Ele foi condenado a 27 anos de prisão na Colômbia pela morte e estupro de Nancy Mestre, que tinha apenas 18 anos quando foi morta em 1994.
O caso chocou o país sul-americano — e resultou em uma busca de 26 anos do pai da jovem pelo assassino da filha.
Após o assassinato, Jaime fugiu da cidade de Barranquilla para o Brasil, onde se fixou com nome e documentos falsos. Em Belo Horizonte, passou a viver uma vida confortável sob o nome de Henrique dos Santos Abdala. Ele se casou com uma brasileira e teve dois filhos no Brasil.
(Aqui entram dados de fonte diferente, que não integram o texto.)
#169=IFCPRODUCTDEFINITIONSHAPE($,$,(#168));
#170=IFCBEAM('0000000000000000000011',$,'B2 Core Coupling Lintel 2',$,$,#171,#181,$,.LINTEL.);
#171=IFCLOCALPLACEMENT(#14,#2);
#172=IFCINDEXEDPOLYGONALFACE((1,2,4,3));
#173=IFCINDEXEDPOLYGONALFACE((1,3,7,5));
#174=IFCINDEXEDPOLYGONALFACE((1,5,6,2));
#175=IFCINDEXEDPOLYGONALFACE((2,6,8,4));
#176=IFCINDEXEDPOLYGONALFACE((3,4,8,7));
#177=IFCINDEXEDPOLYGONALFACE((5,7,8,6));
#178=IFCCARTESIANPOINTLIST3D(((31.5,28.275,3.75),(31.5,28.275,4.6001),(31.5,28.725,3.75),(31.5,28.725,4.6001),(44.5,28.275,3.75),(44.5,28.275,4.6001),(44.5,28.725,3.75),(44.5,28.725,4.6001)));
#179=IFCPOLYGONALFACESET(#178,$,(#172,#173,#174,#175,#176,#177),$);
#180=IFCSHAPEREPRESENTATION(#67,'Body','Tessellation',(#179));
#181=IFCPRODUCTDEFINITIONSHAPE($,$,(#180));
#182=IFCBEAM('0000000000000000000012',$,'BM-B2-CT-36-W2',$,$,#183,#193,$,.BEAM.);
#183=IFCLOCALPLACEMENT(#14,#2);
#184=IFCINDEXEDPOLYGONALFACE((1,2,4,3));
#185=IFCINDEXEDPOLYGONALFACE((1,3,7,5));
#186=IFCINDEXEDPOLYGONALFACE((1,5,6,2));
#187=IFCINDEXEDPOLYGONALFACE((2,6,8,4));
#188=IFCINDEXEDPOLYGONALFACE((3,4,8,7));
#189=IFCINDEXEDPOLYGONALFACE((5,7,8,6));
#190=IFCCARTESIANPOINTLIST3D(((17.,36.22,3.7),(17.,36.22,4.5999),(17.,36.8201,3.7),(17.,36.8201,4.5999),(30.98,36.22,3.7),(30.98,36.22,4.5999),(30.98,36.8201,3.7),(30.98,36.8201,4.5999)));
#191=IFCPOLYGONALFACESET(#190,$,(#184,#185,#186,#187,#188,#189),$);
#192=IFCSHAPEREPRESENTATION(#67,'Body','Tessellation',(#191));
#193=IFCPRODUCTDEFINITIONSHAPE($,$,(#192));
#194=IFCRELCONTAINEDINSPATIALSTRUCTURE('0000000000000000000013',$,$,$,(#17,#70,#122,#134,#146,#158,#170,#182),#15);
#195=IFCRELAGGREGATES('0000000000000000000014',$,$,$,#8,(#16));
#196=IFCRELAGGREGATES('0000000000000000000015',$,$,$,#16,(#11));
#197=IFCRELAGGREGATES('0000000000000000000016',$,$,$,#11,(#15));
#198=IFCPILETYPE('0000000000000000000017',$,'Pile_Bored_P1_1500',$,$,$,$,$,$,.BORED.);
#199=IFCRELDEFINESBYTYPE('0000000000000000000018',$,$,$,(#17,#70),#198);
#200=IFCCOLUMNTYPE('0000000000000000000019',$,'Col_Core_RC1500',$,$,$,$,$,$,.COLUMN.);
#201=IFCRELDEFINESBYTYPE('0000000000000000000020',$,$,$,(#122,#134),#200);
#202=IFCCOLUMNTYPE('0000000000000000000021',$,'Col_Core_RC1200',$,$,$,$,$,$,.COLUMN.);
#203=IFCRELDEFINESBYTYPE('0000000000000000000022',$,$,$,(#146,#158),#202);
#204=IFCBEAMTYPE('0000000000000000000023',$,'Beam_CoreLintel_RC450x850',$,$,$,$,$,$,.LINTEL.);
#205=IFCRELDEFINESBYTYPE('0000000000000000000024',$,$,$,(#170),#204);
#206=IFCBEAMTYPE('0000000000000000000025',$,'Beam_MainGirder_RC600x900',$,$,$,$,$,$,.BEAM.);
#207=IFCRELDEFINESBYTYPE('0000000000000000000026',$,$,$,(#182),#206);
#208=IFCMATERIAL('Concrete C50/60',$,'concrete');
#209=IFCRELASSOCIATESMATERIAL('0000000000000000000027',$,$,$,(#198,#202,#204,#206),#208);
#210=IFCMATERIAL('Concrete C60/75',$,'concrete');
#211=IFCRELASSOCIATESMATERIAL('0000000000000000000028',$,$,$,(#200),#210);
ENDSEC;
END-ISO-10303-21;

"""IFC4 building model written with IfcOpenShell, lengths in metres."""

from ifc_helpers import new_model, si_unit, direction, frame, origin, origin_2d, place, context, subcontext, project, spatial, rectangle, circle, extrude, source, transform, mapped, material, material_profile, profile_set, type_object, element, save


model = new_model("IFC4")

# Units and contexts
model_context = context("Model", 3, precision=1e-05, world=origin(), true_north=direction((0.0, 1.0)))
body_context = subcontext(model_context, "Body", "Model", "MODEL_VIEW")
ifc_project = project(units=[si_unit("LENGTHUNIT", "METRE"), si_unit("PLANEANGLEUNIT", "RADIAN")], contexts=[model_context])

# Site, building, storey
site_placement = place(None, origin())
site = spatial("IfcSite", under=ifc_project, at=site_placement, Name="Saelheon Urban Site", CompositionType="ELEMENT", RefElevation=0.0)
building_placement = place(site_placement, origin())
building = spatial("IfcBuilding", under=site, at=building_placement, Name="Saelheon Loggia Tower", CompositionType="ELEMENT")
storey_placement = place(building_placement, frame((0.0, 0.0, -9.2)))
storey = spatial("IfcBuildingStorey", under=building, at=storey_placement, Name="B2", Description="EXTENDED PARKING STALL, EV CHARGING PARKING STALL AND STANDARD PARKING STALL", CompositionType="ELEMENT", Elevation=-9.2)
Mas a busca incansável de Martín Mestre, pai de Nancy, pelo assassino da filha interrompeu os planos de Jaime. Após investigar o paradeiro do ex-genro por mais de duas décadas, ele o localizou no Brasil e deu as coordenadas à Interpol, que prendeu Jaime Saade em 2020.
Naquele mesmo ano, o Supremo soltou o colombiano e negou a extradição com o argumento de que o crime de homicídio havia prescrito no Brasil.
Na ocasião, o placar foi de empate — um dos ministros, Celso de Mello, estava ausente à sessão em licença médica. Em vez de aguardar o voto de Celso de Mello, os ministros decidiram aplicar uma regra do Direito Penal segundo a qual, em caso de empate, vale a decisão que beneficia o réu.
Com isso, Jaime Saade pôde ficar no Brasil, sem punição pela morte de Nancy Mestre. O governo da Colômbia, que havia pedido a extradição, não recorreu, considerando que não haveria mais chances de trazer Jaime para o país. Com isso, a decisão transitou em julgado.
Mas o pai da jovem não desistiu. Entrou ele próprio com uma ação rescisória, apelando para o tribunal rever a decisão.
Havia a possibilidade de o recurso ser inadmitido sem que os ministros analisassem o pedido, porque Martín não era parte no processo de extradição, mas sim o governo da Colômbia.
No entanto, numa reviravolta, o relator, ministro Alexandre de Moraes, considerou que o pai da jovem tinha, sim, o direito de entrar com a ação rescisória e votou a favor de rever a decisão que impediu a extradição.
Para ele, diante do empate, a Corte deveria ter aguardado o voto do ministro que estava ausente à sessão, em vez de ter optado por negar a extradição. Outros seis ministros acompanharam o voto de Moraes: André Mendonça, Edson Faquin, Luis Roberto Barroso, Luiz Fux, Cármen Lúcia e Rosa Weber.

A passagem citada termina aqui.